I nodded as she walked away, wondering what she’d been about to say. Thinking this, I scanned the crowd until I spotted Cora standing just outside the kitchen door with Charlotte. She was smiling, looking much happier than the last time I’d seen her. At some point she’d pulled her hair back, making her look even younger, and she had on a soft-looking sweater, a glass of wine in her hand. Here I’d just assumed all these people were here because of Jamie, but of course my sister could have changed in the years we’d been apart. She has her own life now, my mom had told me again and again. This was it, and I wondered what that must be like, to actually get to start again, forget the world you knew before and leave everything behind. Maybe it had even been easy.
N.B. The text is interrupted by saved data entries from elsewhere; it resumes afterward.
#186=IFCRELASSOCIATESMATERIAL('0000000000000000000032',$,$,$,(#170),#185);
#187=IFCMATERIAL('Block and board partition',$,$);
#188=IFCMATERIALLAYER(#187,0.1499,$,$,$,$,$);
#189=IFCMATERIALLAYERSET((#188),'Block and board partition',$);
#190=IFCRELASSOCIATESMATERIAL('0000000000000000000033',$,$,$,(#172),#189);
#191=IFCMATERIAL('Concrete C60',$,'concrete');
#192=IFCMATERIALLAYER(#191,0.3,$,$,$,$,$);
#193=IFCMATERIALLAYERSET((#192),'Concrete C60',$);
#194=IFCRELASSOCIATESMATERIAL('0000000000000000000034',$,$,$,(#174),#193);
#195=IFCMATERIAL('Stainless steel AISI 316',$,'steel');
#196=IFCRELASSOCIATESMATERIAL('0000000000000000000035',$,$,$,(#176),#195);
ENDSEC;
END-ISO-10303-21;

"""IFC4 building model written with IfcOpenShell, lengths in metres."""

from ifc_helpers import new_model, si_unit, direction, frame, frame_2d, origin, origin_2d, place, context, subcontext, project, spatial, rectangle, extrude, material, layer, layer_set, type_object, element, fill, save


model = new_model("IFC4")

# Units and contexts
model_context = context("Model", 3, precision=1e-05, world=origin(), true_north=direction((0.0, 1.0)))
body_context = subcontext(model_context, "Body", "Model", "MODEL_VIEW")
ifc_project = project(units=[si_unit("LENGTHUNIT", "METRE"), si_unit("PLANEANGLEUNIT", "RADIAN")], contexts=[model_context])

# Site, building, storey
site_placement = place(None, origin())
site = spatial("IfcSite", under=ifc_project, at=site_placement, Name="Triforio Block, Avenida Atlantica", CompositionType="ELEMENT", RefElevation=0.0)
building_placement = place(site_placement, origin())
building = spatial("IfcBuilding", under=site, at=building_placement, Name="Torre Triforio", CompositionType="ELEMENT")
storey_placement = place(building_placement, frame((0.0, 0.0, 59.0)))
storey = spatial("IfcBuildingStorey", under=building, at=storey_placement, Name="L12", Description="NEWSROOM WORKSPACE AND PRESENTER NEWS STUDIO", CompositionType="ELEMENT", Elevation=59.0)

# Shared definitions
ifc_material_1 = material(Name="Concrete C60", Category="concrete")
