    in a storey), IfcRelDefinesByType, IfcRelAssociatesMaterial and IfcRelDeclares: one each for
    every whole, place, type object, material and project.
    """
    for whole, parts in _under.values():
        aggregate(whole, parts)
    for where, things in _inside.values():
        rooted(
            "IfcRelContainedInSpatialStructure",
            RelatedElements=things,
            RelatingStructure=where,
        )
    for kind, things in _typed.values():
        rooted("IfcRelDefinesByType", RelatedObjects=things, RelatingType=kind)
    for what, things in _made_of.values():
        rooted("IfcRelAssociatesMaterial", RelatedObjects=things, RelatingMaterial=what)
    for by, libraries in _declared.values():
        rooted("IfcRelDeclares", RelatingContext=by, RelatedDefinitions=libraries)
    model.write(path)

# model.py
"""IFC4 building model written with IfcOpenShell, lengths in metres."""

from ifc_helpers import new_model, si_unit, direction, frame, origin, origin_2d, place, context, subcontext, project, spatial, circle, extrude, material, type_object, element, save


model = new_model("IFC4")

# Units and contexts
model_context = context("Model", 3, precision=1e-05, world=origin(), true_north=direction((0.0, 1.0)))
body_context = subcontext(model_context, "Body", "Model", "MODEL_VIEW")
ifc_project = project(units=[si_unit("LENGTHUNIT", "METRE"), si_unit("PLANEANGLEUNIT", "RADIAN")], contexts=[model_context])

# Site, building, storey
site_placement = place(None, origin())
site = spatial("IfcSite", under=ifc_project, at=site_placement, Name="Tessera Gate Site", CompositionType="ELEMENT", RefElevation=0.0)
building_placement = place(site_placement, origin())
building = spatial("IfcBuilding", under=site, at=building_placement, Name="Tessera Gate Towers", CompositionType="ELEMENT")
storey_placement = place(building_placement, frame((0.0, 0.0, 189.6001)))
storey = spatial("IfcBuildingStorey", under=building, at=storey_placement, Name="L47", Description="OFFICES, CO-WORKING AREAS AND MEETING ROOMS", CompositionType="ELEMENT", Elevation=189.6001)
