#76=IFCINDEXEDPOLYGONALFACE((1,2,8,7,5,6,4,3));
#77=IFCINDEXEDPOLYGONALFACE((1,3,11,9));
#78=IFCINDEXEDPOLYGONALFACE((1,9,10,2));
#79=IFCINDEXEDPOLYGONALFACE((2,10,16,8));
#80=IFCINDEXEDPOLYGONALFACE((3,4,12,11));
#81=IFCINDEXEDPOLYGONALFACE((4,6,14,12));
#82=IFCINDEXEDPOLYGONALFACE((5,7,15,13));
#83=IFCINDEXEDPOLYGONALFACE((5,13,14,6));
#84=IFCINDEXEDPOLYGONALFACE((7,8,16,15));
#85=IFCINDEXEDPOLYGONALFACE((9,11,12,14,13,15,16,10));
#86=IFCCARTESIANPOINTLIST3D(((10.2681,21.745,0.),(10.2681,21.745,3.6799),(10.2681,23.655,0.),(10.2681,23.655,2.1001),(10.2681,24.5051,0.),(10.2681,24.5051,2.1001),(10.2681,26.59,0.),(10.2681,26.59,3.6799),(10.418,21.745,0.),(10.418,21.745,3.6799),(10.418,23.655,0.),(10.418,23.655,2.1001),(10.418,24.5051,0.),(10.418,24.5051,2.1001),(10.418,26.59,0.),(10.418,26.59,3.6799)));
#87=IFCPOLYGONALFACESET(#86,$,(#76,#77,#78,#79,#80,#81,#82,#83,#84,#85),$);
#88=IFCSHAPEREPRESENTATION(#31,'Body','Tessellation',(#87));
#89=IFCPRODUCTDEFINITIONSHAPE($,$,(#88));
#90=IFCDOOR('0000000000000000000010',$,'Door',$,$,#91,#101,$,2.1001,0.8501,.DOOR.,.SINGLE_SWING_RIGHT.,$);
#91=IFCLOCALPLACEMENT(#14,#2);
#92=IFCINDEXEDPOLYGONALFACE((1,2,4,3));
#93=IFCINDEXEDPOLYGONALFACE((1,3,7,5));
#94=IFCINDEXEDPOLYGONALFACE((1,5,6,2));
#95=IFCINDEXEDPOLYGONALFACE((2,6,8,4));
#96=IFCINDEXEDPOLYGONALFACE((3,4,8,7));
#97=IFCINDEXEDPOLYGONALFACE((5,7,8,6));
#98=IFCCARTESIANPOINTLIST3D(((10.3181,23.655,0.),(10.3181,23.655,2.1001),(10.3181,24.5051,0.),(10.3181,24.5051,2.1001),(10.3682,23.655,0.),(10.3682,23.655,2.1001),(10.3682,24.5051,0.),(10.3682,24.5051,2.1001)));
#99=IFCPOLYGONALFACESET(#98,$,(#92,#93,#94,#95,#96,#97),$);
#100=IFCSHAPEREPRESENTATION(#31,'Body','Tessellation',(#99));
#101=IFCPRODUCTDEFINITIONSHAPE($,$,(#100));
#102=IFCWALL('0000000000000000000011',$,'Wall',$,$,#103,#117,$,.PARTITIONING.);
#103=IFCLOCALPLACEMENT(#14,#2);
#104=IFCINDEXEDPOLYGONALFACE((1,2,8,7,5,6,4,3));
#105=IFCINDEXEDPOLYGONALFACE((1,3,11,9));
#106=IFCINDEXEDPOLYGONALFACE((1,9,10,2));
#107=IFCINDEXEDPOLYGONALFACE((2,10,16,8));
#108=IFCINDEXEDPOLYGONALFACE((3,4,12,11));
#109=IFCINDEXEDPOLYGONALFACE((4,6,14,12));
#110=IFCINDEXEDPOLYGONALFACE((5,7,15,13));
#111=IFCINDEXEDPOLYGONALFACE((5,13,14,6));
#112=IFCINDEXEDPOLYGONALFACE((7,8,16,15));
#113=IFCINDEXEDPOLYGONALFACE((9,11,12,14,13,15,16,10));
Easy. I had a flash of myself, just a week earlier, coming home from a long night at Commercial to the darkness of the yellow house. How much had I thought about it—my home or my school or anything from before—in the last few days? Not as much as I should have. All this time, I’d been so angry Cora had forgotten me, just wiped our shared slate clean, but now I was doing the same thing. Where was my mother? Was it really this easy, once you escaped, to just not care?

I suddenly felt tired, overwhelmed, everything that had happened in the last week hitting me at once. I stepped back from the crowd, slipping inside. As I climbed the stairs, I was glad for the enclosed space of my room, even if it, too, was temporary like everything else.

I just need to sleep, I told myself, kicking off my shoes and sinking down onto the bed. I closed my eyes, trying to shut out the singing, doing all I could to push myself into the darkness and stay there until morning.

When I woke up, I wasn’t sure how long I’d been asleep, hours or just minutes. My mouth was dry, my arm cramped from where I’d been lying on it. As I rolled over, stretching out, my only thought was to go back to the dream I’d been having, which I couldn’t remember, other than it had been good, in that distant, hopeful way unreal things can be. I was closing my eyes, trying to will myself back, when I heard some laughter and clapping from outside. The party was still going on.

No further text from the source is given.